Saturday 5:37am, Septmeber nineth, 2023
The Diary Of Adolscence
Today, I discovered a way to communicate with the world without having to communicate in person. "Is this something of anxiety?", I say to myself while I contemplate on the journey of life... Sometimes I ponder on emotions as though I can physically fix them. Im aware of the fact that feelings are untanigable yet im still somehow able to feel. "What do I feel?" I feel peace. My inner self feels as though I have mastered a peaceful mind full of nothing, like the theory of realitivity. A physics joke at its finest if you know what I mean.
Now that I have realized my preverse way of introduction, today, I have finally evolved, I am no longer just a specimen, however, whispers*, "I'm offically a living human being trying to communicate in a world full of telecommunicators". "How did I discover how to be social?" Simple, I started to do absolutely nothing, literally, as Albert Einstein once did he loathed around for a year before discovering his passion in physics which I find to be quite motivational since I have not only worked for seven years of my life, but I didnt get the chance to let my mind sit and ponder on how exactly id make it in the real world. I have this dream, a dream that only myself knows and those around me, however, like a stump ive been stuck for four years working after highschool. I want to work but not in the mindset of income. This seems to me, that money has taken over my life instead of pursuing in my dream. I love the aspect of freedom so I want to be a free spirit and still work but for a passion rather than an income.

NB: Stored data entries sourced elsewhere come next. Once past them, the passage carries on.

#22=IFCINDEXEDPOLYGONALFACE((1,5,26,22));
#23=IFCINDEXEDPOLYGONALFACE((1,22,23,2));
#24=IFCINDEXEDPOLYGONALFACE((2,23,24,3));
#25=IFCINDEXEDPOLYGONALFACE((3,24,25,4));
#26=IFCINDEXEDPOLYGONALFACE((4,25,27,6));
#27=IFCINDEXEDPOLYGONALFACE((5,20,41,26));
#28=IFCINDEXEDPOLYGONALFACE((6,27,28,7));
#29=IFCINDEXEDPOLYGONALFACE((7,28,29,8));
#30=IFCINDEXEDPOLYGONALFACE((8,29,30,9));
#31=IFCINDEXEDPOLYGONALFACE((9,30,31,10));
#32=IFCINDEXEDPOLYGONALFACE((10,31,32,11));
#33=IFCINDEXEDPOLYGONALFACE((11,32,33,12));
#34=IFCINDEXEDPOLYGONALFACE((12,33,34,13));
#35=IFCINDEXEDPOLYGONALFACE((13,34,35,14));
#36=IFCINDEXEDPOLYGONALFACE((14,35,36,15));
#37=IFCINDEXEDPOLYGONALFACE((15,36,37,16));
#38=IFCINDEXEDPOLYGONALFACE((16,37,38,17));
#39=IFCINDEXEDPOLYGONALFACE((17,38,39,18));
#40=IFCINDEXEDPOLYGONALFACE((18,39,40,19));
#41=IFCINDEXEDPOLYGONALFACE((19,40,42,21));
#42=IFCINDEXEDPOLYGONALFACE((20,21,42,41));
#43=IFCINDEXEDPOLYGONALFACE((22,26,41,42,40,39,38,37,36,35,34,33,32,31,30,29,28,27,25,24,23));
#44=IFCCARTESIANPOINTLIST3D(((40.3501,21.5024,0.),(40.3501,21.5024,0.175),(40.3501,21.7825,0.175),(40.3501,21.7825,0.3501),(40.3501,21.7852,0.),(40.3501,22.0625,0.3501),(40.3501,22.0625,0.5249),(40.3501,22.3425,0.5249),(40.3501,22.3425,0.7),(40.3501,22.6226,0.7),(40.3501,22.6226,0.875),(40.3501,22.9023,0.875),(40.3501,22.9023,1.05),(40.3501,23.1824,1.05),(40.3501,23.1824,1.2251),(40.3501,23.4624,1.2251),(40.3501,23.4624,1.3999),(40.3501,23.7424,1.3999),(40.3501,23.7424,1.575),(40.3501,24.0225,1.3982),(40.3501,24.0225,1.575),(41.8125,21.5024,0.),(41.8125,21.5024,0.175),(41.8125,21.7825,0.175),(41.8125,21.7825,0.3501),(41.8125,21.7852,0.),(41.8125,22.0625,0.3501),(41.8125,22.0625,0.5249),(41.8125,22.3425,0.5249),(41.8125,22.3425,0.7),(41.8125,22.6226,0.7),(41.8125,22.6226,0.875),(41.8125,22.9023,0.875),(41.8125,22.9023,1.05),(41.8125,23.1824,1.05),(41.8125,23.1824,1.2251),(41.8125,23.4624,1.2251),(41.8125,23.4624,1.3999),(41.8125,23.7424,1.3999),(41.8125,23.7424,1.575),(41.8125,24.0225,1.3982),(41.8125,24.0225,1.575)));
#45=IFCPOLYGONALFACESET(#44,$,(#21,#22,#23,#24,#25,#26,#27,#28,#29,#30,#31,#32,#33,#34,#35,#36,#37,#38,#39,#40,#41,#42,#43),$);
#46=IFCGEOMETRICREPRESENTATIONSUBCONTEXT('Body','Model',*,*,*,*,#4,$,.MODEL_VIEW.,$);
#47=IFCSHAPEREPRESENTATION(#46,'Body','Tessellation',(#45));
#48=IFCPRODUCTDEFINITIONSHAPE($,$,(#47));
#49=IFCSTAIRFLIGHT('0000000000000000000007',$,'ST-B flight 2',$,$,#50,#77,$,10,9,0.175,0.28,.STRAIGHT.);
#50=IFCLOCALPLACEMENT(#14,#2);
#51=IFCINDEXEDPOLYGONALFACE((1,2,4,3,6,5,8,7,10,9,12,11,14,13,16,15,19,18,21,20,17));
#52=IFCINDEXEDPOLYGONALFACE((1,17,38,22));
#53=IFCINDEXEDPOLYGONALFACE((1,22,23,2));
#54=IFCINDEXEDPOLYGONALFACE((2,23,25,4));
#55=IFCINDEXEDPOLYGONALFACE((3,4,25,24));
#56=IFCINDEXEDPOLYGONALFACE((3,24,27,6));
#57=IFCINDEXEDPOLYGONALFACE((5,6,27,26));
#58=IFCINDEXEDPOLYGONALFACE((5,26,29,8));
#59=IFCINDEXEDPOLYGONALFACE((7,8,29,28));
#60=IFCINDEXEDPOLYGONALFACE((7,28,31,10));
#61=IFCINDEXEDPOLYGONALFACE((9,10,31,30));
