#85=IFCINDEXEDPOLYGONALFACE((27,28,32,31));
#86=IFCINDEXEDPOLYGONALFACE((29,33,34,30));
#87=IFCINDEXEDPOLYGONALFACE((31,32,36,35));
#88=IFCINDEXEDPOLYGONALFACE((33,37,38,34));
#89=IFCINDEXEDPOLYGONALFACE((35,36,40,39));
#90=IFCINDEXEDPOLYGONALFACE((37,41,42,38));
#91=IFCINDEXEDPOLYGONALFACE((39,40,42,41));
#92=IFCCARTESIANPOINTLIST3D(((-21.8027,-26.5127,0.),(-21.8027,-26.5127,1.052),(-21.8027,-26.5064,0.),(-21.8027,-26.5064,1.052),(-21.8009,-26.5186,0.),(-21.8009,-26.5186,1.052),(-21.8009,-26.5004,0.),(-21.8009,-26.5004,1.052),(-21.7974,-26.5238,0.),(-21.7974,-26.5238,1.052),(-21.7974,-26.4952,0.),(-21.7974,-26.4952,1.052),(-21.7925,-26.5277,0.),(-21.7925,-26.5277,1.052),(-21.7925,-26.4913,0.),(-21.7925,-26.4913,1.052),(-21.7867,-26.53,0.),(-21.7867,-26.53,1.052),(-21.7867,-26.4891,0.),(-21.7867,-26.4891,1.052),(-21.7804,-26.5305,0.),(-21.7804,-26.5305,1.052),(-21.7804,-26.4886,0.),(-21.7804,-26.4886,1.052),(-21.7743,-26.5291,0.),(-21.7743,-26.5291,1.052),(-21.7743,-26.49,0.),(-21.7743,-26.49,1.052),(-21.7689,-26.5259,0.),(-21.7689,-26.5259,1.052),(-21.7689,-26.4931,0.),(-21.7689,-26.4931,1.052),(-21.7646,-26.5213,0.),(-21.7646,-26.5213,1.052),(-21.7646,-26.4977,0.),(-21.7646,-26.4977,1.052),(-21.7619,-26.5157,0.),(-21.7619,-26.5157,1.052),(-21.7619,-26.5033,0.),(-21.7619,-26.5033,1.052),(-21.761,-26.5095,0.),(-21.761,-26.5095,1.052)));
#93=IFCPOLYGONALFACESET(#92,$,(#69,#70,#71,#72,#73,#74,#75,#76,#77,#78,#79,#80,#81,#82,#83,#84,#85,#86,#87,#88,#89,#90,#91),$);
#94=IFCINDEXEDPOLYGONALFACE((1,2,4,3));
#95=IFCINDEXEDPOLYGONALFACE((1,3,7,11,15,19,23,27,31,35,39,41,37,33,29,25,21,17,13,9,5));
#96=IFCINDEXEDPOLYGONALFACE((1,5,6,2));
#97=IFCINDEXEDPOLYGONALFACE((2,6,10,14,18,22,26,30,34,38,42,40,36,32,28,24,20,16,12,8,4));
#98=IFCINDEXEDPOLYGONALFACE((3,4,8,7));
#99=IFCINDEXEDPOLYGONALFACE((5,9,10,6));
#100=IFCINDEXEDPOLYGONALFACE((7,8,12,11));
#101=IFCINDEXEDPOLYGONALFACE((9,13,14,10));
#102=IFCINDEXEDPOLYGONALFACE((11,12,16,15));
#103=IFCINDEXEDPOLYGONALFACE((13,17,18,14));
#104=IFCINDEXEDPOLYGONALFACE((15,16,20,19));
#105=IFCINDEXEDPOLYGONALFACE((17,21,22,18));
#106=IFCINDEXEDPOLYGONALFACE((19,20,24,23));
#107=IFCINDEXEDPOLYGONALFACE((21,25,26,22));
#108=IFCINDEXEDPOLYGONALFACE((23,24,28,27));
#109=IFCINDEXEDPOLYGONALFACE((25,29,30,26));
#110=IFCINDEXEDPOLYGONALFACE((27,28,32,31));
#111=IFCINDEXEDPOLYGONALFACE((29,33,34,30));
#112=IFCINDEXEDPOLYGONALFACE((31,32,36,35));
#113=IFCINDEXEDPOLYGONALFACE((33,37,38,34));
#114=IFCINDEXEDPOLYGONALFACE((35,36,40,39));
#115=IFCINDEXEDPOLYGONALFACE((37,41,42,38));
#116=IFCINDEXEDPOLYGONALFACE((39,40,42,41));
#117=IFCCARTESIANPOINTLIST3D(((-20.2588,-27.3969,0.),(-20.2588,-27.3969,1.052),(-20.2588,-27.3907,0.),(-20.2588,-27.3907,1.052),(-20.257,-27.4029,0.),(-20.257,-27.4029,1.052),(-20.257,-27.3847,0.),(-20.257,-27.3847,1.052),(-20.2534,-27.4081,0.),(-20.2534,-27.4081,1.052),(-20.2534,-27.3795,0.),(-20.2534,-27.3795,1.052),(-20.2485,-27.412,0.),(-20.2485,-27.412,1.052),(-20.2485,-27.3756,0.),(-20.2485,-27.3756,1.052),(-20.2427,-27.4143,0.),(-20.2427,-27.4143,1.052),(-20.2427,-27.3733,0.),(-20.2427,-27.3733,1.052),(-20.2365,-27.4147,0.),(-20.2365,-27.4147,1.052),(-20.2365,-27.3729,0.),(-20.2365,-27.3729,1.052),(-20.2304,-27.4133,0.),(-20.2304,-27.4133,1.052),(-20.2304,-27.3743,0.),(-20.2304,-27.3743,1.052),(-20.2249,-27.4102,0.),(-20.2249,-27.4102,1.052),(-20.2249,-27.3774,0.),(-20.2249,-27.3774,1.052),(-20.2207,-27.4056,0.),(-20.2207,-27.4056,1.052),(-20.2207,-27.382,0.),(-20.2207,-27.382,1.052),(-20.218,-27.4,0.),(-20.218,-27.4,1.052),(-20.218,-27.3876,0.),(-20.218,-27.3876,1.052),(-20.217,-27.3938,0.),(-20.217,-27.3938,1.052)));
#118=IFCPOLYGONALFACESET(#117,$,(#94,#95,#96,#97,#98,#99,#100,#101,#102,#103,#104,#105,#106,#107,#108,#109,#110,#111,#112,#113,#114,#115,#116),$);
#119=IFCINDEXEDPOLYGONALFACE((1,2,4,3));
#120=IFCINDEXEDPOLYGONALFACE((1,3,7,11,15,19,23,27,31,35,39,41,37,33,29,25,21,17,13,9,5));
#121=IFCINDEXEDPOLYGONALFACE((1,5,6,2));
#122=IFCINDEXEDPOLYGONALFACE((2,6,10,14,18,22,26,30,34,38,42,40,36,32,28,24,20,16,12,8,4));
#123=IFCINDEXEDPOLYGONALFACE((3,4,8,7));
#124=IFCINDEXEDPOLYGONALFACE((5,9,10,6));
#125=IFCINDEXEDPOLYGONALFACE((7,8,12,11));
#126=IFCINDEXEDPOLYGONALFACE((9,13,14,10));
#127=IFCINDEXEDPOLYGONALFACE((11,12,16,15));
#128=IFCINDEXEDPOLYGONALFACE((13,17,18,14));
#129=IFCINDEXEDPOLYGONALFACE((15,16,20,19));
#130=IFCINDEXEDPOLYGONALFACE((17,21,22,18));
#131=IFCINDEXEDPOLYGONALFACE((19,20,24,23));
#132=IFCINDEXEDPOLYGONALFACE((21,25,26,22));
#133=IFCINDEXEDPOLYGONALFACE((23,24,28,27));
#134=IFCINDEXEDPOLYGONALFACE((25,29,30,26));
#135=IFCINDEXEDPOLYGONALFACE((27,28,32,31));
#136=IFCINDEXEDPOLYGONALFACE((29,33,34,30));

This dream I will slowly unravel and when I achieve my dream, only then and only then, will my journey begin in the world of mysterious destinations. Till then I'll write another day so stay tuned, this is my word of journey gradually combining into my life. Im excited! Jubilent, "hehe," have a good day! or be like Ryan Reynolds and have a great day! Just the gensis of my own revelation, another day of adolscence.